The Humoral and Cell-Mediated Immune Systems

  • Humoral immune system is associated with B cells that produce antibodies to respond to antigens outside of cells
  • Cell-mediated immune system associated with T cells recognize infected cells.
  • B cells and T cells work together as a defence .

B-Cells defend against Bacteria

  • B-cells (B-lymphocytes) originate/mature in bone marrow (long bones).
  • B-Cells protect against bacteria, viruses, and bacterial toxins outside of cells.
  • Mature B-Cells contain 100,000 antigenic receptors.

T-Cells respond to Antigens from a Foreign Source

  • T-Cells originate from stem cells and mature within the thymus organ.
  • Cellular immunity (T-Cells) fight protozoa, fungi or tumour cells.

Humoral Immunity and Clonal Selection

The humoral response begins when a specific B-Cell binds to its complementary foreign protein antigen.

  • B-Cell clonal selection and differentiation results in production of plasma cells and memory cells, controlled with helper T cells.
  • Plasma cells produce antibodies.
  • Memory cells produce antibodies against existing pathogens that enter the body again.

B-Cell Differentiation

  • B-Cells differentiate into plasma and memory cells.
  • Plasma cells secrete antibodies against specific antigens, with a short lifespan of days, producing ~2000 antibody molecules per second.
  • Memory cells are long lived in lymph nodes providing future immunity.
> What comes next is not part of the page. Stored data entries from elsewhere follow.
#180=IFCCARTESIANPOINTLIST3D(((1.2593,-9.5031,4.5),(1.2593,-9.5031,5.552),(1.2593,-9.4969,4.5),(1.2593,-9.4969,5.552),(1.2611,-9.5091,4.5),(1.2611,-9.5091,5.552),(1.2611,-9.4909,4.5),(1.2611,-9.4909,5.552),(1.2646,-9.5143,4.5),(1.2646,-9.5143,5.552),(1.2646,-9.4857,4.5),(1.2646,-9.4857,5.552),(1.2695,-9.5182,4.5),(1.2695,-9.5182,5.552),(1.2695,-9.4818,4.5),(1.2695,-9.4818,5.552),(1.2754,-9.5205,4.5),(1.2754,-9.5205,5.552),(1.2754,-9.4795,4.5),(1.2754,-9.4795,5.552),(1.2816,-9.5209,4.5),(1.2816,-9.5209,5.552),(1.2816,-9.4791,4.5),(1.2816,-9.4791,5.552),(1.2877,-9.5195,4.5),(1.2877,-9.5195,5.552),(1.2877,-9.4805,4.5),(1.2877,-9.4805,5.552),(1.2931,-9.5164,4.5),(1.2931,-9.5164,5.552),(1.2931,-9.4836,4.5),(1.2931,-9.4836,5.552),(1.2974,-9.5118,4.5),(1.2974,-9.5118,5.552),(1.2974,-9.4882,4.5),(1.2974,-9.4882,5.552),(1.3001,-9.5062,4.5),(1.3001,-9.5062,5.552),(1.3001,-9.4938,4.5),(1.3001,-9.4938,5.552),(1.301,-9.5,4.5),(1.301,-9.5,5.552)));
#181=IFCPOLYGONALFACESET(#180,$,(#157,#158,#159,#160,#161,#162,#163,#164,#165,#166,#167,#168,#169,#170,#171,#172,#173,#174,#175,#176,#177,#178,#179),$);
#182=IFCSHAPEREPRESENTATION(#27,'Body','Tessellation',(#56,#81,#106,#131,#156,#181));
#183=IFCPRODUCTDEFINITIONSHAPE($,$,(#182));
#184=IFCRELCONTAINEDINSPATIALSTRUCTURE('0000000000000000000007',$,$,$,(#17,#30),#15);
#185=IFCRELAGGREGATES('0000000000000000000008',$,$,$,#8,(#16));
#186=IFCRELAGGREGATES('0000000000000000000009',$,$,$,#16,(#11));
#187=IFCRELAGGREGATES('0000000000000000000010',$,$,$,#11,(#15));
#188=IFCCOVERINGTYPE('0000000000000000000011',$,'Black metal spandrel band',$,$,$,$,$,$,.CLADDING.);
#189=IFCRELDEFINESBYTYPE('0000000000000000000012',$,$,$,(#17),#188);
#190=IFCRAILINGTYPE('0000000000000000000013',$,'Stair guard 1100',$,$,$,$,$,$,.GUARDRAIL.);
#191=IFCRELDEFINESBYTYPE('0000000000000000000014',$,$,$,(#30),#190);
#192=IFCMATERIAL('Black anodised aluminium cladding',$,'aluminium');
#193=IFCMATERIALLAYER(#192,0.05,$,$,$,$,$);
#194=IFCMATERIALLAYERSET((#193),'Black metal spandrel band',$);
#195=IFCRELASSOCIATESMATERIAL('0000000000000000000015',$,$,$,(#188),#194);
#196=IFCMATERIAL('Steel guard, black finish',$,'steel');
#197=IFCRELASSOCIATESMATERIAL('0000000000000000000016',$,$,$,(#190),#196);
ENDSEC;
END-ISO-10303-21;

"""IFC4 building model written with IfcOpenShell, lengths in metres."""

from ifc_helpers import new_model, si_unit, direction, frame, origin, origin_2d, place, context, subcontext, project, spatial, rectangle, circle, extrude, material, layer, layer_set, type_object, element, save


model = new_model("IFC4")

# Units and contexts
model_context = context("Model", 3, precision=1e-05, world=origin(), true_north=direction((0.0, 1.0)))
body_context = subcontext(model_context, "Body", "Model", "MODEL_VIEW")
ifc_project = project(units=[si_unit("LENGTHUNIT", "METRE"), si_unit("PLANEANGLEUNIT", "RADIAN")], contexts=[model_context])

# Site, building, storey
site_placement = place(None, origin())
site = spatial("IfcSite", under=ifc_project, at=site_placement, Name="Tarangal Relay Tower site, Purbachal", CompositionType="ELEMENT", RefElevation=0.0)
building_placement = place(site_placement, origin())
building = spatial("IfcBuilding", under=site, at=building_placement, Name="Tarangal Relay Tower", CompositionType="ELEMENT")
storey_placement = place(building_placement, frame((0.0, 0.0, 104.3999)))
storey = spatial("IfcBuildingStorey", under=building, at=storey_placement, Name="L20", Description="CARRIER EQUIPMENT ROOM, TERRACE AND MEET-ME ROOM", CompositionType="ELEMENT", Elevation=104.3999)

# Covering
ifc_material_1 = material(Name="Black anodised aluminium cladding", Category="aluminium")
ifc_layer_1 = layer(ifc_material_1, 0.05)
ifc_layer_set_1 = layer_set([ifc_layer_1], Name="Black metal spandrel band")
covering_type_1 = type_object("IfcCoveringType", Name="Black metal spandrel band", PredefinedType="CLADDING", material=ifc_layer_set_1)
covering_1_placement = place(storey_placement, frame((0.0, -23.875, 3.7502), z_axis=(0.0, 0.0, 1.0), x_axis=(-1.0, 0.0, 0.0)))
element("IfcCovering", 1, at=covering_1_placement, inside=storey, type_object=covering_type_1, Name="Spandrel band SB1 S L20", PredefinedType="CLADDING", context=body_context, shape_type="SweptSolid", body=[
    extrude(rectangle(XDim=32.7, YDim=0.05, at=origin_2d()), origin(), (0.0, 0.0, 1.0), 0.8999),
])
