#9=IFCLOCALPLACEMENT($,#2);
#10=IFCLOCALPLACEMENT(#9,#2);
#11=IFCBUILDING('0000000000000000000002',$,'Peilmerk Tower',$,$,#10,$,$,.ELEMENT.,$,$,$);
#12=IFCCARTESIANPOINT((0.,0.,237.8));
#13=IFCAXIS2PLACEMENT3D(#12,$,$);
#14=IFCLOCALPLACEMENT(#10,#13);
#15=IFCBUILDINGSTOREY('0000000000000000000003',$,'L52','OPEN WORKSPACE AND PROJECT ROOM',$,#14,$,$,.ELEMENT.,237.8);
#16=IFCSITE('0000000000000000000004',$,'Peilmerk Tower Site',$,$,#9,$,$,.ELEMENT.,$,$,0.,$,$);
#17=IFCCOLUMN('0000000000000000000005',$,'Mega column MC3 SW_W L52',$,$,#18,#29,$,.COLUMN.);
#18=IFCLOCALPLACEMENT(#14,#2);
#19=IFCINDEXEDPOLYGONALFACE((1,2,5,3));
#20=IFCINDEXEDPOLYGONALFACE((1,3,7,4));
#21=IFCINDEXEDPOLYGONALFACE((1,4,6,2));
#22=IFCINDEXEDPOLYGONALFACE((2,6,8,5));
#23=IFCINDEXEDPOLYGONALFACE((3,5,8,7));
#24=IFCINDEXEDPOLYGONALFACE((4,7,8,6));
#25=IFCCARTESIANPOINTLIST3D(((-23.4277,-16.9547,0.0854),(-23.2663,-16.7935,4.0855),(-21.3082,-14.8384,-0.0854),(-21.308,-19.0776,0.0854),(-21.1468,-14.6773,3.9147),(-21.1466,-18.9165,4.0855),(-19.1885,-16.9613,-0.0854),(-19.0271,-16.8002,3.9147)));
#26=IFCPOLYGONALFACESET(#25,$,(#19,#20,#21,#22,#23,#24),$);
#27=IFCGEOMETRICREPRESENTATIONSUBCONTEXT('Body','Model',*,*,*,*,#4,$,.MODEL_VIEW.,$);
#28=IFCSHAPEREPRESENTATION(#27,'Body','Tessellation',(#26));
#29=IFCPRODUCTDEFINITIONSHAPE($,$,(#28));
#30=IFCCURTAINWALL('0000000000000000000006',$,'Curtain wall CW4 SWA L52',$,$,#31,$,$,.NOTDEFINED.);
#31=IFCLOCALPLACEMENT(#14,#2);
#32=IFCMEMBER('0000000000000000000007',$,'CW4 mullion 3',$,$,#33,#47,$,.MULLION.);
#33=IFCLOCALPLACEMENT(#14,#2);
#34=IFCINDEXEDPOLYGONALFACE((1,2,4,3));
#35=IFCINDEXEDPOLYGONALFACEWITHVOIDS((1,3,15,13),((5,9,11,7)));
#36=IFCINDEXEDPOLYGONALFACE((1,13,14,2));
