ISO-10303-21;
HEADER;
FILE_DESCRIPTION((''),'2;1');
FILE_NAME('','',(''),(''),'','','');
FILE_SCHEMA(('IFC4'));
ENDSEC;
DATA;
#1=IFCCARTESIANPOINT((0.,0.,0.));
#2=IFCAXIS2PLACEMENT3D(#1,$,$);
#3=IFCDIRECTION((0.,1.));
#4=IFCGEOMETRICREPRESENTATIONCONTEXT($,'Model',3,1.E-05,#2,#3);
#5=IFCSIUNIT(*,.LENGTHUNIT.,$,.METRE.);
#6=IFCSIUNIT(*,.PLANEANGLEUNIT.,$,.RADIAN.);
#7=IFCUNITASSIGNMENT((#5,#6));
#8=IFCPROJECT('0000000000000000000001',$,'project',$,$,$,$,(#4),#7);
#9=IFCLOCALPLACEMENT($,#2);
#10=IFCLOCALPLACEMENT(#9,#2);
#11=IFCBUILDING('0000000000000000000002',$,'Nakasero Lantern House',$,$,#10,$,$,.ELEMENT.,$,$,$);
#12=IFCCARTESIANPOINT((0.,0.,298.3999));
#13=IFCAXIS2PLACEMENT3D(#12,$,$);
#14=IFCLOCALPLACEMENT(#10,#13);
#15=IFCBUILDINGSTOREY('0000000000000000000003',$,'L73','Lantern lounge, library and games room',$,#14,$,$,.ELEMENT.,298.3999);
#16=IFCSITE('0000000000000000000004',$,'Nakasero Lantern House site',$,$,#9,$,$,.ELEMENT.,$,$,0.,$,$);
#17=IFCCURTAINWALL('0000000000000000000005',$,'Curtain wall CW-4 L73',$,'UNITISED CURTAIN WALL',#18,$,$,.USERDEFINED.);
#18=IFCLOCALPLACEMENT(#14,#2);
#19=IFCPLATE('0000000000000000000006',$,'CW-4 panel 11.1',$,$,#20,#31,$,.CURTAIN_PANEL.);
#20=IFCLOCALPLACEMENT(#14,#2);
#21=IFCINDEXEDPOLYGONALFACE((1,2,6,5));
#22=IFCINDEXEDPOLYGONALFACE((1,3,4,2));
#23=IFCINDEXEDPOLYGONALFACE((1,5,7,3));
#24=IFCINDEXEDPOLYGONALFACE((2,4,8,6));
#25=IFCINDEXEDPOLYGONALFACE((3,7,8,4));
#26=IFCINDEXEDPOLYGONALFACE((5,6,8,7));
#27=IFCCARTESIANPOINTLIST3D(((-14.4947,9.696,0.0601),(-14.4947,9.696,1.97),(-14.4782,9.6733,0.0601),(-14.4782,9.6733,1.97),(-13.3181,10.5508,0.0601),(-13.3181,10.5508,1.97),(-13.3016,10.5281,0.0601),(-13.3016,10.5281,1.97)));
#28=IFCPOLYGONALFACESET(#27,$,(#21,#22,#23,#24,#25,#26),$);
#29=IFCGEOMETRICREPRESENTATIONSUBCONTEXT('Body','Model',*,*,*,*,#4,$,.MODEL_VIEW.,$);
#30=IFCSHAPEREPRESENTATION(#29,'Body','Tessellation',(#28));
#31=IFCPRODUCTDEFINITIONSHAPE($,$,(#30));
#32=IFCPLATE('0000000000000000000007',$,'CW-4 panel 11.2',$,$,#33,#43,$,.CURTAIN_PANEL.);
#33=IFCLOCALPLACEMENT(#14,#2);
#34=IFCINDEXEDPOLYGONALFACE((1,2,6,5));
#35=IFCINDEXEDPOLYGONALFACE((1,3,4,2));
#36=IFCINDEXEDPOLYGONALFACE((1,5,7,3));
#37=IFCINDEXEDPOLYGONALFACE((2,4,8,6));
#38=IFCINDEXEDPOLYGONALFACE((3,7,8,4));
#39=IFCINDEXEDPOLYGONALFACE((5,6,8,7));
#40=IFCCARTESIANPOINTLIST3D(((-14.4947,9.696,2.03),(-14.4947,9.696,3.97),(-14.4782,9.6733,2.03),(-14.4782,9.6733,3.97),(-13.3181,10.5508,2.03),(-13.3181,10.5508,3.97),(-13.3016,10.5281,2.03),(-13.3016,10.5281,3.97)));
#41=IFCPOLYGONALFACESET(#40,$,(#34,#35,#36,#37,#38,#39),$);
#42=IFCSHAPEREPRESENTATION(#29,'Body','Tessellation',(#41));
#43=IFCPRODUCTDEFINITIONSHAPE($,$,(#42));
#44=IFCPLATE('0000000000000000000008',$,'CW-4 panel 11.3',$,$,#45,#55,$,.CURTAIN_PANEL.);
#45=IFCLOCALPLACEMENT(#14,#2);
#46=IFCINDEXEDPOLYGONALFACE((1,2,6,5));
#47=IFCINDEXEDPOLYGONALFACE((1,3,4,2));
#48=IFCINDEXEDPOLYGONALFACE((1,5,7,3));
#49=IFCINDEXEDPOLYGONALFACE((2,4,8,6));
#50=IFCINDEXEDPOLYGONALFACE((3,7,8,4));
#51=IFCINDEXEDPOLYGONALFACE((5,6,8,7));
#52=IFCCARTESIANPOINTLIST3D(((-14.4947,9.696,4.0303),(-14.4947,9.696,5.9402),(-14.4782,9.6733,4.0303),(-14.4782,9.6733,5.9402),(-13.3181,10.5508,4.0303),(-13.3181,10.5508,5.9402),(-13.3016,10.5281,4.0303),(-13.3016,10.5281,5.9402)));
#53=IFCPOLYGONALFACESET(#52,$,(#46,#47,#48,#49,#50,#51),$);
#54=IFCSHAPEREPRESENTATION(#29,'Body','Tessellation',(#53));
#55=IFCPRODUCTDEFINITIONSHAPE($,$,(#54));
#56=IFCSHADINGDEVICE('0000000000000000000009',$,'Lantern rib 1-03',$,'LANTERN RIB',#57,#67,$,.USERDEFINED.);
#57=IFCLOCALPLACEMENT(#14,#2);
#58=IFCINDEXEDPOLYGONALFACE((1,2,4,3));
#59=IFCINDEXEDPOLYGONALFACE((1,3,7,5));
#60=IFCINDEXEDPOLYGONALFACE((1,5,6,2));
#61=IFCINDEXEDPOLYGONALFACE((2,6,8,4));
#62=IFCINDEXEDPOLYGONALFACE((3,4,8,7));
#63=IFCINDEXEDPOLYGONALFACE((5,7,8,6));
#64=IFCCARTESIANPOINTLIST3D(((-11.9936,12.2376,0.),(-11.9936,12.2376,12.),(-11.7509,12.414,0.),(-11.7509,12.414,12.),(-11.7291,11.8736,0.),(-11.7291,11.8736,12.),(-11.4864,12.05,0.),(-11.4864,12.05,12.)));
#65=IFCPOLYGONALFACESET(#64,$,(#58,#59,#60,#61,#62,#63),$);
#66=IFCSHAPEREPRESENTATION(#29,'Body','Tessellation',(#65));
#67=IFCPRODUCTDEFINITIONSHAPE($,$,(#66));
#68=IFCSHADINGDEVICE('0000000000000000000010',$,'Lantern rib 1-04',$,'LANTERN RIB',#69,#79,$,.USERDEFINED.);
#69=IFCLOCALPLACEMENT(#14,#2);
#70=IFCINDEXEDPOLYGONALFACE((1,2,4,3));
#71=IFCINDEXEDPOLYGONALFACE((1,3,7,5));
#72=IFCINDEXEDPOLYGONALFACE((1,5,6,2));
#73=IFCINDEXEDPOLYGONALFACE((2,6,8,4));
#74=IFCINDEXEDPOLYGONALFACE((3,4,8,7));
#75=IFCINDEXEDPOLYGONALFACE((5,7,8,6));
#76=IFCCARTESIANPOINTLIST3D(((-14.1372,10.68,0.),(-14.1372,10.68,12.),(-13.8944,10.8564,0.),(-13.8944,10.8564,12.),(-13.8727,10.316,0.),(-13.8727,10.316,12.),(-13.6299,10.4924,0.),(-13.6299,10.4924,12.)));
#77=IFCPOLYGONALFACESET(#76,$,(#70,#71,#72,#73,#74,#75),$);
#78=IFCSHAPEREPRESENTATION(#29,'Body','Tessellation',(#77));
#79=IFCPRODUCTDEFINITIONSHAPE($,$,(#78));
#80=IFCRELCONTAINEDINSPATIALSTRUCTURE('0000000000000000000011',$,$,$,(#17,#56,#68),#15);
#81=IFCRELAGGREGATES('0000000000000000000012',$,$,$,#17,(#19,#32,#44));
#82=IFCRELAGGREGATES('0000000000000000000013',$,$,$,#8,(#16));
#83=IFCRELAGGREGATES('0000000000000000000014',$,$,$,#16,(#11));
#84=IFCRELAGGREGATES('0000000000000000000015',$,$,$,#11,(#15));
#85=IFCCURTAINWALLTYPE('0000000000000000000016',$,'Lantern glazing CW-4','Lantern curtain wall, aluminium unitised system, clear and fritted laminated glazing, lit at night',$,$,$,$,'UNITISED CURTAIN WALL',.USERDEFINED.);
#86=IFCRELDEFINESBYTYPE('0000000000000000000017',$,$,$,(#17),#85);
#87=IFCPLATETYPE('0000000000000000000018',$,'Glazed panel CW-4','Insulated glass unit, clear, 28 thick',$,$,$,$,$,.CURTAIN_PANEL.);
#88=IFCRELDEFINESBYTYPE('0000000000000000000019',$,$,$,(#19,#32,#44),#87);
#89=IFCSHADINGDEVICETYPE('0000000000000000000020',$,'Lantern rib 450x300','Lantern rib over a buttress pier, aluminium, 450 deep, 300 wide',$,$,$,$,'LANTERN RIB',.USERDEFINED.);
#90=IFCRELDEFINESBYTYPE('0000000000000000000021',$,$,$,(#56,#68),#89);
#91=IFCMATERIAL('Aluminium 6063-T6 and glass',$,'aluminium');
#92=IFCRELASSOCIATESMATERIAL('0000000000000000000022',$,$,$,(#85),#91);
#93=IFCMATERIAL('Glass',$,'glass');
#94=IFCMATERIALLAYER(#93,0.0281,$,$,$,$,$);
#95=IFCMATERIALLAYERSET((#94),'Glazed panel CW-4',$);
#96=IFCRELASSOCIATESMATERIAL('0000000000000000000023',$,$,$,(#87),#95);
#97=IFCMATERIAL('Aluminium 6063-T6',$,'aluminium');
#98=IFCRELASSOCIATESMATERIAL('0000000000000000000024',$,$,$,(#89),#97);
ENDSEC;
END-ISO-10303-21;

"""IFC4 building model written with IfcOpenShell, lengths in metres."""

from ifc_helpers import new_model, si_unit, direction, frame, origin, origin_2d, place, context, subcontext, project, spatial, rectangle, extrude, material, layer, layer_set, type_object, element, aggregate, save


model = new_model("IFC4")

# Units and contexts
model_context = context("Model", 3, precision=1e-05, world=origin(), true_north=direction((0.0, 1.0)))
body_context = subcontext(model_context, "Body", "Model", "MODEL_VIEW")
ifc_project = project(units=[si_unit("LENGTHUNIT", "METRE"), si_unit("PLANEANGLEUNIT", "RADIAN")], contexts=[model_context])

# Site, building, storey
site_placement = place(None, origin())
site = spatial("IfcSite", under=ifc_project, at=site_placement, Name="Nakasero Lantern House site", CompositionType="ELEMENT", RefElevation=0.0)
building_placement = place(site_placement, origin())
building = spatial("IfcBuilding", under=site, at=building_placement, Name="Nakasero Lantern House", CompositionType="ELEMENT")
storey_placement = place(building_placement, frame((0.0, 0.0, 298.3999)))
storey = spatial("IfcBuildingStorey", under=building, at=storey_placement, Name="L73", Description="Lantern lounge, library and games room", CompositionType="ELEMENT", Elevation=298.3999)

# Curtain wall
ifc_material_1 = material(Name="Aluminium 6063-T6 and glass", Category="aluminium")
curtain_wall_type = type_object("IfcCurtainWallType", Name="Lantern glazing CW-4", Description="Lantern curtain wall, aluminium unitised system, clear and fritted laminated glazing, lit at night", ElementType="UNITISED CURTAIN WALL", PredefinedType="USERDEFINED", material=ifc_material_1)
curtain_wall_placement = place(storey_placement, origin())
curtain_wall = element("IfcCurtainWall", 1, at=curtain_wall_placement, inside=storey, type_object=curtain_wall_type, Name="Curtain wall CW-4 L73", ObjectType="UNITISED CURTAIN WALL", PredefinedType="USERDEFINED")

# Plates
ifc_material_2 = material(Name="Glass", Category="glass")
ifc_layer = layer(ifc_material_2, 0.0281)
ifc_layer_set = layer_set([ifc_layer], Name="Glazed panel CW-4")
plate_type = type_object("IfcPlateType", Name="Glazed panel CW-4", Description="Insulated glass unit, clear, 28 thick", PredefinedType="CURTAIN_PANEL", material=ifc_layer_set)
plate_1_placement = place(storey_placement, frame((-13.8982, 10.1121, 0.0601), z_axis=(0.0, 0.0, 1.0), x_axis=(-0.809017, -0.587785, 0.0)))
plate_1 = element("IfcPlate", 2, at=plate_1_placement, type_object=plate_type, Name="CW-4 panel 11.1", PredefinedType="CURTAIN_PANEL", context=body_context, shape_type="SweptSolid", body=[
    extrude(rectangle(XDim=1.4543, YDim=0.0281, at=origin_2d()), origin(), (0.0, 0.0, 1.0), 1.9099),
])
plate_2_placement = place(storey_placement, frame((-13.8982, 10.1121, 2.03), z_axis=(0.0, 0.0, 1.0), x_axis=(-0.809017, -0.587785, 0.0)))
plate_2 = element("IfcPlate", 3, at=plate_2_placement, type_object=plate_type, Name="CW-4 panel 11.2", PredefinedType="CURTAIN_PANEL", context=body_context, shape_type="SweptSolid", body=[
    extrude(rectangle(XDim=1.4543, YDim=0.0281, at=origin_2d()), origin(), (0.0, 0.0, 1.0), 1.9399),
])
plate_3_placement = place(storey_placement, frame((-13.8982, 10.1121, 4.0303), z_axis=(0.0, 0.0, 1.0), x_axis=(-0.809017, -0.587785, 0.0)))
plate_3 = element("IfcPlate", 4, at=plate_3_placement, type_object=plate_type, Name="CW-4 panel 11.3", PredefinedType="CURTAIN_PANEL", context=body_context, shape_type="SweptSolid", body=[
    extrude(rectangle(XDim=1.4543, YDim=0.0281, at=origin_2d()), origin(), (0.0, 0.0, 1.0), 1.9099),
])
aggregate(curtain_wall, [plate_1, plate_2, plate_3])

# Shading devices
ifc_material_3 = material(Name="Aluminium 6063-T6", Category="aluminium")
shading_device_type = type_object("IfcShadingDeviceType", Name="Lantern rib 450x300", Description="Lantern rib over a buttress pier, aluminium, 450 deep, 300 wide", ElementType="LANTERN RIB", PredefinedType="USERDEFINED", material=ifc_material_3)
for number, where, z_axis, x_axis, name in (
    (5, (-11.74, 12.1438, 0.0), (0.0, 0.0, 1.0), (-0.587785, 0.809017, 0.0), "Lantern rib 1-03"),
    (6, (-13.8835, 10.5862, 0.0), (0.0, 0.0, 1.0), (-0.587785, 0.809017, 0.0), "Lantern rib 1-04"),
):
    element("IfcShadingDevice", number, at=place(storey_placement, frame(where, z_axis=z_axis, x_axis=x_axis)), inside=storey, type_object=shading_device_type, Name=name, ObjectType="LANTERN RIB", PredefinedType="USERDEFINED", context=body_context, shape_type="SweptSolid", body=[
        extrude(rectangle(XDim=0.45, YDim=0.3, at=origin_2d()), origin(), (0.0, 0.0, 1.0), 12.0),
    ])

save(model, "model.ifc")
Clonal Selection and Expansion

  • Antigen presentation is followed by clonal expansion and differentiation, leading to selected B-lymphocytes developing into plasma cells and B memory cells.

T-Cell Activation

  • T cells are activated by antigenic fragments that are processed and presented bound to MHC molecules by antigen-presenting cells.
  • Macrophages and dendritic cells are an antigen-presenting cells (APCs).

Cell Mediated Immunity

  • Cytotoxic T cells and specific MHC I markers attach.
  • Releasing Perforin to signalling molecule for Apoptosis.
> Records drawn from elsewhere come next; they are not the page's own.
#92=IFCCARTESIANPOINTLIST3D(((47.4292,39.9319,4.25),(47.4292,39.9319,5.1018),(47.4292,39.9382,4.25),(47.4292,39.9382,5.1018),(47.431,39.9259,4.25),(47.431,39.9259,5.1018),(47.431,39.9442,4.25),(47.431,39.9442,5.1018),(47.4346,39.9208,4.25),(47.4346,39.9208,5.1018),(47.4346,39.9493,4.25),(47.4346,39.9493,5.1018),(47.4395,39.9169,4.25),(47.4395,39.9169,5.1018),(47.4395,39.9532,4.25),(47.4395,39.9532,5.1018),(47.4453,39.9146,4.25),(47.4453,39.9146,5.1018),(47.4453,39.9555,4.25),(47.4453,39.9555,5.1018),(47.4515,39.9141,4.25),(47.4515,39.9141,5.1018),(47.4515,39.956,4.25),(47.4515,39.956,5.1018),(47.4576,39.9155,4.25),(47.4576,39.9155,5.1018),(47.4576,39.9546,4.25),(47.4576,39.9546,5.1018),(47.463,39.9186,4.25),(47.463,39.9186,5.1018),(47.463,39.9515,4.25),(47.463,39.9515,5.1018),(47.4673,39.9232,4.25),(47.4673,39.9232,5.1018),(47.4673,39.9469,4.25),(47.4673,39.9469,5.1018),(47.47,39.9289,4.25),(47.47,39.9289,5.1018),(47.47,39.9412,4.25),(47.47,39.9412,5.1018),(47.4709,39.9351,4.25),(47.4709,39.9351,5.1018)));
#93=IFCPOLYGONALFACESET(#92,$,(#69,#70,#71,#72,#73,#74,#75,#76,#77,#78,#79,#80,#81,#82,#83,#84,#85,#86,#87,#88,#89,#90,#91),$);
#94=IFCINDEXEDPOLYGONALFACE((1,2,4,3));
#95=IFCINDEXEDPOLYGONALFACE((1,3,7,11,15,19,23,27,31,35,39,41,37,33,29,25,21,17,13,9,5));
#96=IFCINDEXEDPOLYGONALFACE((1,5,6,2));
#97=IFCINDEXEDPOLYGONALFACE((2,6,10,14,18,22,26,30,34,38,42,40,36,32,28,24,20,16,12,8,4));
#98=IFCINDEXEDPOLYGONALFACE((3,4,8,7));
Antigens and Antibodies work with the Immune Response

  • Antibodies / antigens play key roles.
  • Antigens are foreign substances and cause the creation of antibodies.
  • Examples include toxins, microbes, pollen cells and cells from other people.

Lymphatic System

  • Lymphatic system is important to the immune processes.
  • Lymph fluid transports through the body.
  • Lymph vessels transport lymph to the circulatory system.
  • Lymphatic system protects against infection or cancer.

The Lymphatic System

The Lymphatic System contains primary and secondary lymphoid tissues Primary lymphoid tissue involves mature lymphocytes Secondary lymphoid tissue involves APCs that recognize antigens

Lymphoid Tissue contains lymphocytes

  • Bone marrow/ thymus.
  • APCs recognize antigens to have a adaptive immune response.
  • APCs go to a lymph node to activate a immune response.

Tissue Fluid

  • Fluid leaks from capillaries.
  • Nutrients and oxygen gets to the cells.
  • Tissue fluid is similar to plasma .
  • Blood volume is regulated in body.
  • Fluid gets to the brain.
  • fluid into vessels.

Lymph Nodes filter against foreign antigens

  • Lymph Nodes are the storage site for lymphocytes ( T Cells, B Cells) .
  • Trapping fibres to destroy particles.